For a course requirement I need to create a NN to predict the probability of normal random variables within (-2 Std, 2Std) from the mean.

The Architecture

The architecture I am required to implement is composed of 2 hidden layers with ReLu and the final layer with sigmoid.

1 unit - Input Layer

64 units - Hidden layer(ReLu)

1 unit - Output Layer(Sigmoid)

However, I can't seem to get good results. Specifically, the calculated derivatives are too small that my weights/biases aren't changing. I don't know if I am generating my dataset wrong or my implementation of backpropagation is wrong. I am near my wits end as I am trying to solve this for the past two weeks. This is my first dive into machine learning and I am hoping for some guidance.
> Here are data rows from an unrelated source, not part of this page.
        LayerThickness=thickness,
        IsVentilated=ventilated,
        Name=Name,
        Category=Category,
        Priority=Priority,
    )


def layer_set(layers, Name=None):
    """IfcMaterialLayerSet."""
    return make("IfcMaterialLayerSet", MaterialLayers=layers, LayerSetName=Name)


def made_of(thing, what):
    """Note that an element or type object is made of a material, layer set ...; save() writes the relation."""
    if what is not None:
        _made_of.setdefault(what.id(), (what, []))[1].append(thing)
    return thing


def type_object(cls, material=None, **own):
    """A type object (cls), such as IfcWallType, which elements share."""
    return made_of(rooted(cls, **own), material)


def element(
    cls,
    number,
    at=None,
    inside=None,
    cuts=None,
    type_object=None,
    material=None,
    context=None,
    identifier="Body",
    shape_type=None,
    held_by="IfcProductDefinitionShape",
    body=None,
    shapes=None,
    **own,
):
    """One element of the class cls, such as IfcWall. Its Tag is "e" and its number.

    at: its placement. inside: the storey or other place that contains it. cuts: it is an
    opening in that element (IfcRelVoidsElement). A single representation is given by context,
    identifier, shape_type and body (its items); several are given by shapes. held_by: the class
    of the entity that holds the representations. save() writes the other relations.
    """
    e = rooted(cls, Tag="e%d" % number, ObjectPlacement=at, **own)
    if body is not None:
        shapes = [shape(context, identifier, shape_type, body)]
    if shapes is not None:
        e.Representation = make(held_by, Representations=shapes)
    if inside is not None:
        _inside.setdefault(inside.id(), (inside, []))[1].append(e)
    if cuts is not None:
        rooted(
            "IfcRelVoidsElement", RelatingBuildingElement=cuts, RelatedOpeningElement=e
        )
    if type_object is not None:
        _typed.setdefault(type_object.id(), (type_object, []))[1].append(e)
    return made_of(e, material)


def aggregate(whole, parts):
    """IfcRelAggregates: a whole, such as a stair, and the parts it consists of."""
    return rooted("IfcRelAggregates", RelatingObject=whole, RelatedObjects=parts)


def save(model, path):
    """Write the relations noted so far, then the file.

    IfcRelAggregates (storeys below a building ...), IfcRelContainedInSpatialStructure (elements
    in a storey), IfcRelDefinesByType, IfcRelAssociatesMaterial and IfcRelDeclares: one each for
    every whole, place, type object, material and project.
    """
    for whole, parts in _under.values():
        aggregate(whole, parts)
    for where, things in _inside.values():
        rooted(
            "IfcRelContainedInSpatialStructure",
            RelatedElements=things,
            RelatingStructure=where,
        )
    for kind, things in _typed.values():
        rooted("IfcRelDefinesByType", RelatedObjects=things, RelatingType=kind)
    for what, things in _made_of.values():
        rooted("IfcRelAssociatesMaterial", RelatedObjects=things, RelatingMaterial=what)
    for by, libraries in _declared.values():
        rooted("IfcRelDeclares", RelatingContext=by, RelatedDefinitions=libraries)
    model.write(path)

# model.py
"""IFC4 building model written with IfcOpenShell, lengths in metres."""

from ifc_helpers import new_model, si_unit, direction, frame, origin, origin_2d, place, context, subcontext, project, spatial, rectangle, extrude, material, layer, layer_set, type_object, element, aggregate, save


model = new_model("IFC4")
Here is what I came up with: Link to full notebook

Below is the logic/psuedo code of the dataset generation.

Dataset generation

First I generate normal random variables and generate a histogram for the probability calculation.
Using the bin centers and their respective frequencies as the starting point, I generated more data within each bin interval. Since at this point I thought that having only the bin centers as input would be too small of a sample size. I then calculated the output (P(X)) using the bin centers probability (frequency/n_samples).

EDIT: Added the code.

Import libraries:

import numpy as np
import matplotlib.pyplot as plt
from math import floor

Some helper functions:

def scale(X):
  '''
  Normalizes X values for easier processing
  
  Parameters:
  X(numpy.array) - Raw input data to be normalized

  Returns:
  scaled_x(numpy.array) - Normalized input values
  mean_x(float) - mean of raw input data
  std_x(float) - standard deviation of raw input data
  '''
  mean_x = np.mean(X, axis=0)
  new = X - mean_x
  std_x = np.std(X, axis=0)
  scaled_x = new / std_x 
  return scaled_x, mean_x, std_x
def filter(input, output, n=10):
  '''
  Randomly selects n samples from the first row with a matching
  key from the second column.

  Parameters:
  input(numpy.array) - Input matrix to select samples
  output(int/float) - Value to match in the second column
  n(int, default = 10) - Number of samples to select

  Returns:
  new_x(numpy.array) - Row vector with size (n,)
  '''
  # Select all rows with the second column matching the output
  rows_with_output = input[(input[:, 1] == output)]
  # Get only the first column (X values)
  input_vals = rows_with_output[:,0]
  # Randomly pick 10 samples
  generator = np.random.default_rng(42)
  new_x = generator.choice(input_vals, n)
  return new_x

Dataset Generation

def random_range(lb, ub, n):
  '''Function to generate 'n' uniform random numbers in the interval (lb, ub]
  Parameters:
  lb - lower bound
  ub - upper bound
  n - number of random numbers to generate

  Returns:
  random_nums(numpy.array) - array of random numbers
  '''
  generator = np.random.default_rng(42)
  random_nums = generator.uniform(lb, ub, n)
  return random_nums

np.random.seed(42)
# Define mean and std
mu, sigma = 100, 15
num_bins = 100
raw_sample_size = 15000
raws = np.random.normal(mu, sigma, raw_sample_size).round(4)
hist, bin_edges = np.histogram(raws, bins=num_bins)
# Half bin width
bin_half_val = np.diff(bin_edges)/2
# Get the bin centers
bin_centers = bin_edges[:-1] + np.diff(bin_edges)/2
# Plot the 'discretized' distribution
plt.scatter(bin_centers, hist)

# Define bounds
lb = mu - 2*sigma
ub = mu + 2*sigma
# Select bin_centers inside the range [lb, ub]
bins = bin_centers[(bin_centers >= lb) & (bin_centers < ub)]
bin_idx = [np.where(bin_centers == bin) for bin in bins]

# Flatten index
bin_idx = np.array(bin_idx).flatten()
# Get frequency values for respective bin centers
hist_in_range = hist[bin_idx]

# Plot
plt.scatter(bins, hist_in_range)

# Define number of samples for each bin
num_data = 10

# For each bin generate 10 random numbers in the interval.
x_raw = np.array([random_range(x-bin_half_val[0], x+bin_half_val[0], num_data).reshape((num_data, 1)) for x in bins])
x_raw = x_raw.reshape(len(bins),1,num_data)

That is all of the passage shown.